The Israelis traded their freedoms for security. Rome was lulled to sleep by bread and circuses. China was held in bondage by England’s generous supply of opium. The Danes like being safely tucked in. The people of Singapore are willing to sacrifice freedom for safety. America, however, might be taking Paul’s advice. In his letter to the Romans he said, "The night is far spent; the day is at hand: let us therefore cast off the works of darkness, and let us put on the armor of light" (Rom. 13:11,12).

My Quest

Today I am starting on my second quest. About a year ago I dedicated my mornings to a 1 year plan for reading the Bible chronologically. I did it. Much to my surprise, I stayed with it. Today I am starting on a thematic program. This time, however, I plan to use the readings as springboards for commentaries.
My first reading Daniel 11:36-12:13 establishes again why it is that kingdoms fall, why great nations destroy themselves. We become so self-satisfied that we“ have no respect for the gods of {our}ancestors.” Daniel 12, the second reading is Daniel’s prediction of the end times. I remember discussing this passage with April, my Jehovah’s Witness friend.

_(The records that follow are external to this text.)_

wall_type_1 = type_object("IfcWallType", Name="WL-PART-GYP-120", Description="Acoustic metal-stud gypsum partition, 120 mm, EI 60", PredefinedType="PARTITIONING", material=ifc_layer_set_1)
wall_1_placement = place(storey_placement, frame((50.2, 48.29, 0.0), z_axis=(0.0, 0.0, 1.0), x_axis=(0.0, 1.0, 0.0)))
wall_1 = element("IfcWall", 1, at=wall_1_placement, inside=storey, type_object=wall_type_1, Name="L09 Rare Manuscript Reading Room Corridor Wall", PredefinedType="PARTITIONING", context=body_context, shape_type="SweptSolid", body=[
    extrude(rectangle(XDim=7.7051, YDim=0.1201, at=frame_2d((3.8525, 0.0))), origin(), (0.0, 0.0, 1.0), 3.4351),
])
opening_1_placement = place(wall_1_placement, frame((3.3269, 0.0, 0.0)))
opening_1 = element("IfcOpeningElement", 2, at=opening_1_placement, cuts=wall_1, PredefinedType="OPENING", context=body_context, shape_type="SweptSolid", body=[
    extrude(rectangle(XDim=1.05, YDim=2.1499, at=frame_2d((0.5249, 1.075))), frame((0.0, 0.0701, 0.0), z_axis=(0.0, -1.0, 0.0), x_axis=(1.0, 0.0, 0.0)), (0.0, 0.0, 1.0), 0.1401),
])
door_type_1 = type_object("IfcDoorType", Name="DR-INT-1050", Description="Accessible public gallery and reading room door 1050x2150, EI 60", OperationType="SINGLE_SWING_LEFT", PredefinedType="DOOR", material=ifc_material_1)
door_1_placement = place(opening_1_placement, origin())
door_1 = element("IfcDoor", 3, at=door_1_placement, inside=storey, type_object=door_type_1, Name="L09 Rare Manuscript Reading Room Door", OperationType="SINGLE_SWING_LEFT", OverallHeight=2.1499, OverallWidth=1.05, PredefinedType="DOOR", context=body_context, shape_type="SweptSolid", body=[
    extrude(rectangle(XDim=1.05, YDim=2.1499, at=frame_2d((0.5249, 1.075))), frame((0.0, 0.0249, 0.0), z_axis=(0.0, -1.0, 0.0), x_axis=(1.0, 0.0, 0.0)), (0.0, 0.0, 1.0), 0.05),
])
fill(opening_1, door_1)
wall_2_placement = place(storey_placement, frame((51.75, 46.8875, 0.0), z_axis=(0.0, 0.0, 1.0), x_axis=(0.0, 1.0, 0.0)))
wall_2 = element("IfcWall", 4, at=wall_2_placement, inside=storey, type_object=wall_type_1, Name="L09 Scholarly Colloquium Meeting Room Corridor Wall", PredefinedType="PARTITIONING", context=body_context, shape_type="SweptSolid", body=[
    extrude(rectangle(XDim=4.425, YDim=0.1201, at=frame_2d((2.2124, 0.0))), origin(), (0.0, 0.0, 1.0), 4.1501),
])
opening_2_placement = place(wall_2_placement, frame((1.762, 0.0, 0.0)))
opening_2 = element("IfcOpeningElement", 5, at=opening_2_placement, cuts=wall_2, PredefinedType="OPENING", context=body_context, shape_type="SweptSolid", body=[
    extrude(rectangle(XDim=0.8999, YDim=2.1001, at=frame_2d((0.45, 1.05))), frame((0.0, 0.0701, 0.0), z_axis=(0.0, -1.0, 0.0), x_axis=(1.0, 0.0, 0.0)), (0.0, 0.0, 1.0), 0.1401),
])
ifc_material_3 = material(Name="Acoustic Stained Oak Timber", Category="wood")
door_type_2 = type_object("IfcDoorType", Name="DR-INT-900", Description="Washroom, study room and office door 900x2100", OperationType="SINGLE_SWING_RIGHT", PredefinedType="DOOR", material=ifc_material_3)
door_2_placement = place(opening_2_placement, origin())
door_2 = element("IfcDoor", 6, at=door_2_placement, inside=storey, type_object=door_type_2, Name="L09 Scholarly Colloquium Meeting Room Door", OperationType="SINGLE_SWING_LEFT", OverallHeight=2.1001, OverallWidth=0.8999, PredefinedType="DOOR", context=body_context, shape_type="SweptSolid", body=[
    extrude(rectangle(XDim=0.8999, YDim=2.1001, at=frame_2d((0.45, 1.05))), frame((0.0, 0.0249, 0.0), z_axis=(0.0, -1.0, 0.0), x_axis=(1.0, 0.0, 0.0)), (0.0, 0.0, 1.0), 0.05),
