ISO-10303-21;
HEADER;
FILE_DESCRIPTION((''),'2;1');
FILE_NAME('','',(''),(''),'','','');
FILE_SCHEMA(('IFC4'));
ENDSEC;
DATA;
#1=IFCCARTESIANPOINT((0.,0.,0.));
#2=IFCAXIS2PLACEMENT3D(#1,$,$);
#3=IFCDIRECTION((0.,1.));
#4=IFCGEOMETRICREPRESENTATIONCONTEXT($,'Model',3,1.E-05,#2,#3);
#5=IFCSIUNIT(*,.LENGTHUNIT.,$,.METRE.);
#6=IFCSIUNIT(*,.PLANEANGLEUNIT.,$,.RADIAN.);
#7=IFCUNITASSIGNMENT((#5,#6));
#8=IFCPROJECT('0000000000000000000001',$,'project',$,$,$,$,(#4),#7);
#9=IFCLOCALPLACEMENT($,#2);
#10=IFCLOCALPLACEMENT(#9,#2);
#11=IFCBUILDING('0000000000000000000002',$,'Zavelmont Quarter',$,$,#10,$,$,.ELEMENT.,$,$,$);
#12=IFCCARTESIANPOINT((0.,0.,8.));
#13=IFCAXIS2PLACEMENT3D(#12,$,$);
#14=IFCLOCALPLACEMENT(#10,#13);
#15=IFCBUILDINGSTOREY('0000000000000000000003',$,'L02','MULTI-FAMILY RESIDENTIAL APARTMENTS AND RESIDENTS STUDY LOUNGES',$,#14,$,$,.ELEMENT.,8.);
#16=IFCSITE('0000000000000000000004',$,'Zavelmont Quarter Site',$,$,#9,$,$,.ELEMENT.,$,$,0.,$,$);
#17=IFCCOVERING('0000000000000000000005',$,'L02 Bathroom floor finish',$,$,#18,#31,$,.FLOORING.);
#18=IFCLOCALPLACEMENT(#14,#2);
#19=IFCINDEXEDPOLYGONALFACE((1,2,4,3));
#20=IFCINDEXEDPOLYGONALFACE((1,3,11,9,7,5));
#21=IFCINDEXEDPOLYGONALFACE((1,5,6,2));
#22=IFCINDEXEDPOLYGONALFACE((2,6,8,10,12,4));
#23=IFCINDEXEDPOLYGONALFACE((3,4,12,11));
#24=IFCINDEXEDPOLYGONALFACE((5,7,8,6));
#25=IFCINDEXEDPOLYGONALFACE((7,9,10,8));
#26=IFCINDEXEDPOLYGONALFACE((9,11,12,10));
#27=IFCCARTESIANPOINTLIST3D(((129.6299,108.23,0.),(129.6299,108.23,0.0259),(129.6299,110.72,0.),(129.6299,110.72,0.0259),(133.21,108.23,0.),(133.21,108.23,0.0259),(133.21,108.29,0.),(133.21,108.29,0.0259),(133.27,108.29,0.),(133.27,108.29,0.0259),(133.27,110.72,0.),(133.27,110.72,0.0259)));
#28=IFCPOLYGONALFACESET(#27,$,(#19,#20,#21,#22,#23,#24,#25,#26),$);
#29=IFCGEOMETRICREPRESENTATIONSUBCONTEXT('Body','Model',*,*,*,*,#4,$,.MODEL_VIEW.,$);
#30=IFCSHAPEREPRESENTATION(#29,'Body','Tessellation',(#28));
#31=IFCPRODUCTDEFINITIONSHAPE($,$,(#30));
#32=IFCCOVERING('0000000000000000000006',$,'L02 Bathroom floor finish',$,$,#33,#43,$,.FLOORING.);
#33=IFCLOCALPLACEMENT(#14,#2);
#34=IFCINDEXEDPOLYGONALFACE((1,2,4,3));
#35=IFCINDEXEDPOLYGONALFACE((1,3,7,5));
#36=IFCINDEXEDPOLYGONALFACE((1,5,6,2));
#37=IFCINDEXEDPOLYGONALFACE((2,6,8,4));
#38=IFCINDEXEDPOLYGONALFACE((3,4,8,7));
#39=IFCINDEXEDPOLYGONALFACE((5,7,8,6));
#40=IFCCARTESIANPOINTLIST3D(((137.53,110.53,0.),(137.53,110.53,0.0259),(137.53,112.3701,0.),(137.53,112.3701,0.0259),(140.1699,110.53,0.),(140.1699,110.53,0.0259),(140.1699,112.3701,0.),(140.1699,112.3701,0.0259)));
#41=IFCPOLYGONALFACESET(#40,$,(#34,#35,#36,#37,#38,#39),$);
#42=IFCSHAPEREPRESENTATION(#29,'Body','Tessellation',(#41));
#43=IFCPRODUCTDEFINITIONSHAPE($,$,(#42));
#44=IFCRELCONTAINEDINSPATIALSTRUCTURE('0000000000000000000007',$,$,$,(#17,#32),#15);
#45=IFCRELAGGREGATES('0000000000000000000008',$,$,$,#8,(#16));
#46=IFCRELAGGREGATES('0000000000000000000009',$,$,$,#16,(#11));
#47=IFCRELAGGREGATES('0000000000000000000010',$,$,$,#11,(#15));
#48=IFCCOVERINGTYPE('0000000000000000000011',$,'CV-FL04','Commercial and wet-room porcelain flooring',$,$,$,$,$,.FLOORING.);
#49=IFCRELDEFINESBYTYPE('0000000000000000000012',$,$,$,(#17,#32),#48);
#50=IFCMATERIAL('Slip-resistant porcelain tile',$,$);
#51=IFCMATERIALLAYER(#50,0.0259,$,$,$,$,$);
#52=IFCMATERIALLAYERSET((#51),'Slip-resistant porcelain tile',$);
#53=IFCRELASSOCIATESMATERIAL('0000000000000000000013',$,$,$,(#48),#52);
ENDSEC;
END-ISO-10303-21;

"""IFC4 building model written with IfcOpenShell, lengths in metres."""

from ifc_helpers import new_model, si_unit, direction, frame, origin, place, context, subcontext, project, spatial, polyline, outline, extrude, material, layer, layer_set, type_object, element, save


model = new_model("IFC4")

# Units and contexts
model_context = context("Model", 3, precision=1e-05, world=origin(), true_north=direction((0.0, 1.0)))
body_context = subcontext(model_context, "Body", "Model", "MODEL_VIEW")
ifc_project = project(units=[si_unit("LENGTHUNIT", "METRE"), si_unit("PLANEANGLEUNIT", "RADIAN")], contexts=[model_context])

# Site, building, storey
site_placement = place(None, origin())
site = spatial("IfcSite", under=ifc_project, at=site_placement, Name="Zavelmont Quarter Site", CompositionType="ELEMENT", RefElevation=0.0)
building_placement = place(site_placement, origin())
building = spatial("IfcBuilding", under=site, at=building_placement, Name="Zavelmont Quarter", CompositionType="ELEMENT")
storey_placement = place(building_placement, frame((0.0, 0.0, 8.0)))
storey = spatial("IfcBuildingStorey", under=building, at=storey_placement, Name="L02", Description="MULTI-FAMILY RESIDENTIAL APARTMENTS AND RESIDENTS STUDY LOUNGES", CompositionType="ELEMENT", Elevation=8.0)

# Coverings
ifc_material_1 = material(Name="Slip-resistant porcelain tile")
ifc_layer_1 = layer(ifc_material_1, 0.0259)
ifc_layer_set_1 = layer_set([ifc_layer_1], Name="Slip-resistant porcelain tile")
covering_type_1 = type_object("IfcCoveringType", Name="CV-FL04", Description="Commercial and wet-room porcelain flooring", PredefinedType="FLOORING", material=ifc_layer_set_1)
covering_1_placement = place(storey_placement, origin())
element("IfcCovering", 1, at=covering_1_placement, inside=storey, type_object=covering_type_1, Name="L02 Bathroom floor finish", PredefinedType="FLOORING", context=body_context, shape_type="SweptSolid", body=[
    extrude(outline(polyline([(129.6299, 110.72), (133.27, 110.72), (133.27, 108.29), (133.21, 108.29), (133.21, 108.23), (129.6299, 108.23), (129.6299, 110.72)])), origin(), (0.0, 0.0, 1.0), 0.0259),
])
covering_2_placement = place(storey_placement, origin())
element("IfcCovering", 2, at=covering_2_placement, inside=storey, type_object=covering_type_1, Name="L02 Bathroom floor finish", PredefinedType="FLOORING", context=body_context, shape_type="SweptSolid", body=[
    extrude(outline(polyline([(137.53, 112.3701), (140.1699, 112.3701), (140.1699, 110.53), (137.53, 110.53), (137.53, 112.3701)])), origin(), (0.0, 0.0, 1.0), 0.0259),
])

save(model, "model.ifc")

She lead me to several passages that determined quite convincingly was Daniel’s “time, times, and half a time” meant. I need to refresh my memory.
Lynne was quite disturbed by the reading of I John 4 when he says, “Those who love God must also love their Christian brothers and sisters.” She felt that love should not be limited to loving their Christian brothers and sisters, we should love everyone. I thought perhaps that the implication was that all of us, are recipients of God’s prevenient (sp?) grace, whether we know it or not, God is with us.